Il s’agissait d’une étape à risques, mais l’Équipe cycliste Groupama-FDJ United l’a franchie sans encombre. La première journée de course du Tour de la Provence a ce vendredi réservé des conditions climatiques très difficiles au peloton, qui a d’ailleurs été dupé par l’échappée du jour. En revanche, deux secondes après le vainqueur Arnaud Tendon, Lorenzo Germani (6e), Blake Agnoletto (8e) et Victor Loulergue (9e) ont tous trois pris place dans le top-10, l’illustration d’un placement irréprochable toute la journée. Guillaume Martin-Guyonnet a également terminé dans le peloton à la veille de l’explication sur la Montagne de Lure.
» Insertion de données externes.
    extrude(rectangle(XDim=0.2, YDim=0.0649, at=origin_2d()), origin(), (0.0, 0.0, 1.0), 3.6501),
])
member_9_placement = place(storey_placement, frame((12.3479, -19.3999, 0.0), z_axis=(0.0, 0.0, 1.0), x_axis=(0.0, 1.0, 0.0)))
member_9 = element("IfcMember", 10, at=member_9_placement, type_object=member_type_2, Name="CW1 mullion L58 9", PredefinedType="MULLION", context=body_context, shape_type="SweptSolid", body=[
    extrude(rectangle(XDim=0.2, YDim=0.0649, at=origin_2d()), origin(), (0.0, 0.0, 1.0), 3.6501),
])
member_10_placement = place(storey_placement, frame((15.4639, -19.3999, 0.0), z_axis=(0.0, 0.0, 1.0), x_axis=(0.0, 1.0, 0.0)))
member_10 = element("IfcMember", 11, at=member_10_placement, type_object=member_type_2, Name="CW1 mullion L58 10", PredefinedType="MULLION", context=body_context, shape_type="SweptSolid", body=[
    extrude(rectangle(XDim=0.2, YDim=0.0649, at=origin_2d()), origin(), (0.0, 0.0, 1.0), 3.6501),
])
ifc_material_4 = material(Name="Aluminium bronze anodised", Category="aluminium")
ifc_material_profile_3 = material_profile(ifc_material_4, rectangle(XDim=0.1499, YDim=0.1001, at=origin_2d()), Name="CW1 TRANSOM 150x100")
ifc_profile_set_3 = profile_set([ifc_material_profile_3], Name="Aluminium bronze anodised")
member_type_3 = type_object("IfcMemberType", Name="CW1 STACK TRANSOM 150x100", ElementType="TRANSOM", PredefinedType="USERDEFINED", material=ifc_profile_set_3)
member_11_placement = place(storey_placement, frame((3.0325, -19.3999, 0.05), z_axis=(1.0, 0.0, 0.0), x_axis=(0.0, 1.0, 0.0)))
Le peloton espérait sans doute trouver de bien meilleures conditions pour son début de séjour dans les Bouches-du-Rhône ce vendredi. Malheureusement, c’est bien une pluie battante qui l’a accompagné de Marseille à Saint-Victoret à l’occasion de la première étape du Tour de la Provence. « On ne savait pas trop quoi à s’attendre au départ, indiquait Tanguy Turgis, directeur sportif de l’équipe. On se demandait si les conditions météo allaient rendre la course plus ouverte ou bien s’il y aurait un gros sprint à l’arrivée. On avait demandé à Victor et Lorenzo de bouger s’il y avait des coups d’environ dix coureurs au départ, et au reste de l’équipe de rester autour de Guillaume, qui était la priorité. Aujourd’hui, on avait plutôt une stratégie défensive ». Une échappée de quatre hommes est finalement partie de bonne heure, dès le col de la Gineste, et l’ensemble de la Groupama-FDJ United s’est donc recentrée autour du grimpeur normand, pour l’occasion accompagné de Lorenzo Germani, du néo-pro Titouan Fontaine, et de quatre coureurs de « La Conti » (Blake Agnoletto, Victor Loulergue, Rémi Daumas et Esteban Foucher).
« Ils ont été vraiment bons collectivement », Tanguy Turgis
Une équipe très jeune, mais qui a pour autant su parfaitement négocier les zones stratégiques du parcours. « Il fallait être vigilant et groupé quand on est arrivé dans les reliefs à la mi-course, et nos coureurs l’ont très bien fait, naturellement, poursuivait Tanguy. On savait que la descente au kilomètre 90 était vraiment technique, mais elle l’était particulièrement avec la pluie aujourd’hui. Les gars étaient bien placés, et ils ont fait du très bon boulot. Ils ne se sont jamais fait piéger et sont toujours restés auprès de Guillaume. Quand l’équipe est bien en place toute la journée, ça démontre un vrai esprit d’équipe et ça met sur de bons rails pour les moments importants. Fred [Guesdon] leur a d’ailleurs dit plusieurs fois qu’ils faisaient une très belle course de ce point de vue ». Dans la dernière heure, et alors que la chasse du peloton derrière l’échappée se faisait plus insistante, le leader et son escorte n’ont jamais abandonné le premier tiers du paquet. « À dix kilomètres, il y avait un passage en ville assez technique et un tunnel, et il était important d’être placé, ajoutait Tanguy. Les gars l’étaient de nouveau, on est ressortis devant, et ça a cassé naturellement derrière ».
Le peloton s’est ainsi retrouvé morcelé à l’entrée dans les cinq derniers kilomètres derrière un binôme échappé. Ce dernier est parvenu à résister dans un final rendu périlleux par la pluie et la chaussée – pour le moins – détrempée. « Le point important du sprint était à 800 mètres, disait Tanguy. Les mecs ont pris en main pour être placés, notamment avec Titouan et Lorenzo. Or, il y avait de grosses flaques d’eau sur la droite entre 600 et 300m, où personne ne pouvait remonter. En faisant le forcing à 800, les gars se sont retrouvés bien placés puis tout le monde est plus ou moins resté à sa place, et on a réussi à finir sixième, huitième et neuvième. Ça s’est essentiellement fait au placement ». Lorenzo Germani a été suivi par Blake Agnoletto et Victor Loulergue sur la ligne, ce dernier se parant d’ailleurs du maillot de meilleur jeune. Guillaume Martin-Guyonnet a également terminé dans le gros du paquet. « La priorité était de ramener Guillaume sain et sauf, et ça a été réussi car ils ont été vraiment bons collectivement et dans leur comportement, concluait Tanguy. Ce sont pour la plupart des jeunes coureurs, issus de La Conti, qui n’ont pas encore les réflexes avec les pros, mais tout a été très bien fait, bien guidés par l’expérience de Guillaume et Lorenzo. C’était vraiment plaisant à observer ».